Осень сорок седьмого года выдалась такой, словно война, забрав свое, решила напоследок выскрести из мира остатки тепла и цвета. Она застряла в горле промозглым кашлем, осела на плечи тяжестью мокрого сукна и глядела свинцовыми, безразличными глазами с низкого, почти касающегося макушек деревьев, неба. Воздух, густой и неподвижный, пах прелой листвой, сырой землей и едва уловимым, въевшимся в самую суть этого времени, запахом тления. Это был запах старых, невыплаканных слез, ржавеющего железа и холодных, давно остывших печей. Аркадий Левандовский знал этот запах лучше, чем запах собственного табака. Он вдыхал его каждое утро, просыпаясь в своей каморке на окраине города, чувствовал его на языке вместе с привкусом горького, заваренного на три раза чая, видел его в тусклых глазах прохожих, спешащих по своим неотложным, мелким делам, которые только и позволяли не думать о делах больших и страшных, оставшихся за спиной.
Телефонный звонок ворвался в эту серую тишину, как удар кнута. Резкий, требовательный, он заставил Левандовского вздрогнуть и оторвать взгляд от мокрого стекла, по которому медленно, словно нехотя, ползли дождевые капли. Он не любил телефон. Этот черный, блестящий от времени аппарат на его столе казался ему вестником дурных новостей, лакированным пауком, терпеливо ждущим, чтобы впрыснуть яд в его и без того отравленное существование. Он снял трубку не сразу, дав трели захлебнуться собственным нетерпением.
– Левандовский.
Голос на том конце провода был знаком. Павел Грачёв, начальник местного отделения милиции в поселке под Тверью. Человек прямой, как устав, лишенный воображения и оттого считавший себя образцом порядочности. Они пересекались раньше, когда Левандовский еще носил форму и имел кабинет с табличкой на двери, а не пропахшую сыростью комнату с видом на кирпичную стену.
– Аркадий Степанович, здравствуй. Это Грачёв. Не отвлекаю?
Вопрос был риторическим. Оба знали, что Левандовского отвлекать не от чего. Его дни были похожи один на другой, как монеты одного номинала: тусклые, тяжелые, безликие.
– Слушаю тебя, Павел. Что-то стряслось? По твоей интонации, не корова у соседки отелилась.
– Остроумие твое при тебе, я смотрю, – в голосе Грачёва не было обиды, только деловитая усталость. – Тут у нас дело… необычное. Ты ведь теперь по частной части?

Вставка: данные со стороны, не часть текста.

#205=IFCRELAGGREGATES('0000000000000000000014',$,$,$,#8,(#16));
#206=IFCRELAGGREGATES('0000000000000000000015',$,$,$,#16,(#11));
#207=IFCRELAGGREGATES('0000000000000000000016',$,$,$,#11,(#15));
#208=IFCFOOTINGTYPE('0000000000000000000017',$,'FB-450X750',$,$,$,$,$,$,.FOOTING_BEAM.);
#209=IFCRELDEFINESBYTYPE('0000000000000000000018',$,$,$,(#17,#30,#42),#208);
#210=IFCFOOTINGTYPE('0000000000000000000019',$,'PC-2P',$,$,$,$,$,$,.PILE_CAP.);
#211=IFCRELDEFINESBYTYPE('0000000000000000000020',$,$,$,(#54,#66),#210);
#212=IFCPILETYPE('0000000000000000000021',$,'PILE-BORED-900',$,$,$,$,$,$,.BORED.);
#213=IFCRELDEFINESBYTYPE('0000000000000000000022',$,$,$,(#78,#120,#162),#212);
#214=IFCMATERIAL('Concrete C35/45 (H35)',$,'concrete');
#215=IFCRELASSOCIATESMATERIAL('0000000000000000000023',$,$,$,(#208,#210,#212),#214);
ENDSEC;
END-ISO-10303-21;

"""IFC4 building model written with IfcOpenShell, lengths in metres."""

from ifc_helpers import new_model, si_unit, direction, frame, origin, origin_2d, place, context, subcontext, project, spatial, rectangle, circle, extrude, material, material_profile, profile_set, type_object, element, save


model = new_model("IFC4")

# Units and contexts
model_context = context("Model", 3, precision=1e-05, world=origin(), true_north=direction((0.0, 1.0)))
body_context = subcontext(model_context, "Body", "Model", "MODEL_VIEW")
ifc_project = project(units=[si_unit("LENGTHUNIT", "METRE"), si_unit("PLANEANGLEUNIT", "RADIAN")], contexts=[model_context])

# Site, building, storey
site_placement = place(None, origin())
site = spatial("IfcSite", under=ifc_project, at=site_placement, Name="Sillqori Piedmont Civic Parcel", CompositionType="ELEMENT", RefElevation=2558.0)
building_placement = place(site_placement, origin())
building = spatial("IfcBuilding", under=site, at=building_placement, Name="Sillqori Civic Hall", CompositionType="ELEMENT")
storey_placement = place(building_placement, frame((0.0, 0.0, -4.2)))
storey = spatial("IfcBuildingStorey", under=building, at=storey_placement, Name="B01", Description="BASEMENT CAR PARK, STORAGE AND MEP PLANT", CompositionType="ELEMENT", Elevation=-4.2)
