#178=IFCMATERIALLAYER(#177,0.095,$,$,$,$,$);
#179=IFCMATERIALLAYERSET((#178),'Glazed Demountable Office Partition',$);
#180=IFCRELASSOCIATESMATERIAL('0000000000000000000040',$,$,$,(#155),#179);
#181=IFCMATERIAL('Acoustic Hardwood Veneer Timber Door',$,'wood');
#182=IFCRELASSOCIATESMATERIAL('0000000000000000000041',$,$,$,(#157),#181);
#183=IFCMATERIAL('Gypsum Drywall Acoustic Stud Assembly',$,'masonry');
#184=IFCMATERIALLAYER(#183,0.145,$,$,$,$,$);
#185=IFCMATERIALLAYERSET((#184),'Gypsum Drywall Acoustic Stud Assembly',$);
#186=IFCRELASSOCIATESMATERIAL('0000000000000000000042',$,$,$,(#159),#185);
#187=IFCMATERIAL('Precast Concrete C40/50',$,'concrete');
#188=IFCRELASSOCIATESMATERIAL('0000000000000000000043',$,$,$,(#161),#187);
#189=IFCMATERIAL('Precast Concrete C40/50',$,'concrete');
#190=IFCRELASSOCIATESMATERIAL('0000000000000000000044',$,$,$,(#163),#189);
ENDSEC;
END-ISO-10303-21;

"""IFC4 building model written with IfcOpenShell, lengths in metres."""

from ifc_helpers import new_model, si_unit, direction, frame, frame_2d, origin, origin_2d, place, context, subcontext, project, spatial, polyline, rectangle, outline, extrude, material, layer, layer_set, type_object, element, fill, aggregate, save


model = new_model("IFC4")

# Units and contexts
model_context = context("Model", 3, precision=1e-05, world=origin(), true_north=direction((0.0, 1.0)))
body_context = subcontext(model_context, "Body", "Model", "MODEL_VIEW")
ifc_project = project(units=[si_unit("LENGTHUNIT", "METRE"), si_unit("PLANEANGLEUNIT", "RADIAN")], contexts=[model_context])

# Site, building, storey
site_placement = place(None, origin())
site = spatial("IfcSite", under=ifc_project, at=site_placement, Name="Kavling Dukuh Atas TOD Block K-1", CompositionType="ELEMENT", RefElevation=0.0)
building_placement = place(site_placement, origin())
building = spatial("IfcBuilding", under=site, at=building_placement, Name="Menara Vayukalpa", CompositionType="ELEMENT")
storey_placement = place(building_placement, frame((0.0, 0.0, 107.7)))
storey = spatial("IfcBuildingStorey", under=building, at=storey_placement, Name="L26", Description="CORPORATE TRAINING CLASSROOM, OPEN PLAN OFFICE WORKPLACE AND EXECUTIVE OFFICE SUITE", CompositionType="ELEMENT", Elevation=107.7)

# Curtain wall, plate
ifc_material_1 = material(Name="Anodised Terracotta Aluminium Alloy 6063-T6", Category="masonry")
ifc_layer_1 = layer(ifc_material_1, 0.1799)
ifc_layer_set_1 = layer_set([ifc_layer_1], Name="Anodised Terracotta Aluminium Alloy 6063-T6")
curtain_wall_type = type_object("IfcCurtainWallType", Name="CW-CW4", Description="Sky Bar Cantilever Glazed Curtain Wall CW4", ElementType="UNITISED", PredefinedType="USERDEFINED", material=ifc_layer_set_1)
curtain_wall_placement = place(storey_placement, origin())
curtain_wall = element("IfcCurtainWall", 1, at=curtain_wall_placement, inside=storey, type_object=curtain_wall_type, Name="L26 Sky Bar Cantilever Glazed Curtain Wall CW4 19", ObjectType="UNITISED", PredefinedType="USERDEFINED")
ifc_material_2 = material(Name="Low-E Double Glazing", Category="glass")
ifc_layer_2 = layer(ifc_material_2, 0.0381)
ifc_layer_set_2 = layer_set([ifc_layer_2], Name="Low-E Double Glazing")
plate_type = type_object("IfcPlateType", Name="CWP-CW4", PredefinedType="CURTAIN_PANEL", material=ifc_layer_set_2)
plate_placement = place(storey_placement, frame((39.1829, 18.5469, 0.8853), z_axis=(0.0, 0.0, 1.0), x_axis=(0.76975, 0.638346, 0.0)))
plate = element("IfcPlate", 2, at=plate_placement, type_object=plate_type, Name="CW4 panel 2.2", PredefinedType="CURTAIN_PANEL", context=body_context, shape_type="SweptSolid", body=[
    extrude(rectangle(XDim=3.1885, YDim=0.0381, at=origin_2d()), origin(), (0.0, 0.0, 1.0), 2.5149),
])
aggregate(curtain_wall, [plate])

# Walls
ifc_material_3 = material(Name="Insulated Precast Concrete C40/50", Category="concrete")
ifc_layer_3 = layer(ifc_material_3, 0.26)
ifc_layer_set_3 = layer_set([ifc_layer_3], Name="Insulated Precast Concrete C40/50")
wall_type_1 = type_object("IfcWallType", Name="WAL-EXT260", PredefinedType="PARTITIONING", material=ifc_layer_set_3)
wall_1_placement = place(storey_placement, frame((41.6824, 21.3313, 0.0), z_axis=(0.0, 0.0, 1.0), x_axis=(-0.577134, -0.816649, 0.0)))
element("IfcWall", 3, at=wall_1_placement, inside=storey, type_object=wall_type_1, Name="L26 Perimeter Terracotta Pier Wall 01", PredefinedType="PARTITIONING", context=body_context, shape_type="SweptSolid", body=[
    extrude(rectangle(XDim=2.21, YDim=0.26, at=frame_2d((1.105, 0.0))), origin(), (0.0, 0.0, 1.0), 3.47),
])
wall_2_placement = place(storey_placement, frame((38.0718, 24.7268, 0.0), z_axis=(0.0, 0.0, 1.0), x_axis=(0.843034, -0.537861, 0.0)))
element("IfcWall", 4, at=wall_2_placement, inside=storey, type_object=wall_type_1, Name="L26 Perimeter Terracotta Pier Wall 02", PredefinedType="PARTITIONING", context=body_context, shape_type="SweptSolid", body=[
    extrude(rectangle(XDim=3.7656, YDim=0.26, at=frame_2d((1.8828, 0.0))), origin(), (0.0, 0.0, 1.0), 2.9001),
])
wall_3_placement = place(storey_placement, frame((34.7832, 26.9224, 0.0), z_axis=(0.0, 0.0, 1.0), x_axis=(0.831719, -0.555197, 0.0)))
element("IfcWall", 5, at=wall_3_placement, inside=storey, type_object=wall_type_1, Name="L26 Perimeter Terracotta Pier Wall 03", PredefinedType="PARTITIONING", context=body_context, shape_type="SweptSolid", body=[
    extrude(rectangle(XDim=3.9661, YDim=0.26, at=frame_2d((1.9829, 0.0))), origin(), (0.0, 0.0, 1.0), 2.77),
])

– По какой есть, – ровно ответил Левандовский.
«Частная часть» – так теперь называлась его жизнь. После сокращения, вежливого, но унизительного, как подаяние, он остался один на один с миром, которому больше не был нужен. Бывший следователь по особо важным делам, теперь он брался за любую работу, которая позволяла платить за жилье и покупать папиросы: искал пропавших мужей, уличал в неверности жен, разыскивал украденных коз. Каждое такое дело было маленьким гвоздем в крышку гроба его самоуважения.
– В общем, так, Аркадий Степанович. Тут у нас имение старое разбирают. Рудневское. Слыхал, может?
– Смутно. Что-то дореволюционное.
– Оно самое. Гнездо бывших. Его под снос определили, там клуб строить будут. Рабочие сегодня веранду ломали… В общем, под половицами нашли.
Грачёв замолчал, подбирая слова.
– Нашли что, Павел? Клад? Фамильное серебро?
– Лучше бы клад. Кости нашли, Аркадий Степанович. Человеческие.
Левандовский молчал, и в трубке повисло тяжелое, наэлектризованное ожидание. Кости. Это слово, короткое и сухое, как щелчок затвора, мгновенно изменило все. Серая муть за окном обрела смысл, а запах тления – источник.
– Сколько? – наконец спросил он. Голос его стал другим: собранным, лишенным всякой иронии.
– Пока что… троих насчитали. Скелеты. Старые, земля в них вросла. Я таких дел отродясь не видел. Тут не по нашей части, понимаешь? Это копать надо, в прошлое лезть. А у меня тут два участковых на весь район, и те вчера пьяного тракториста ловили. Городских вызывать – шум поднимется на всю область. А дело темное, старое. Мне бы разобраться по-тихому для начала. Понять, что к чему.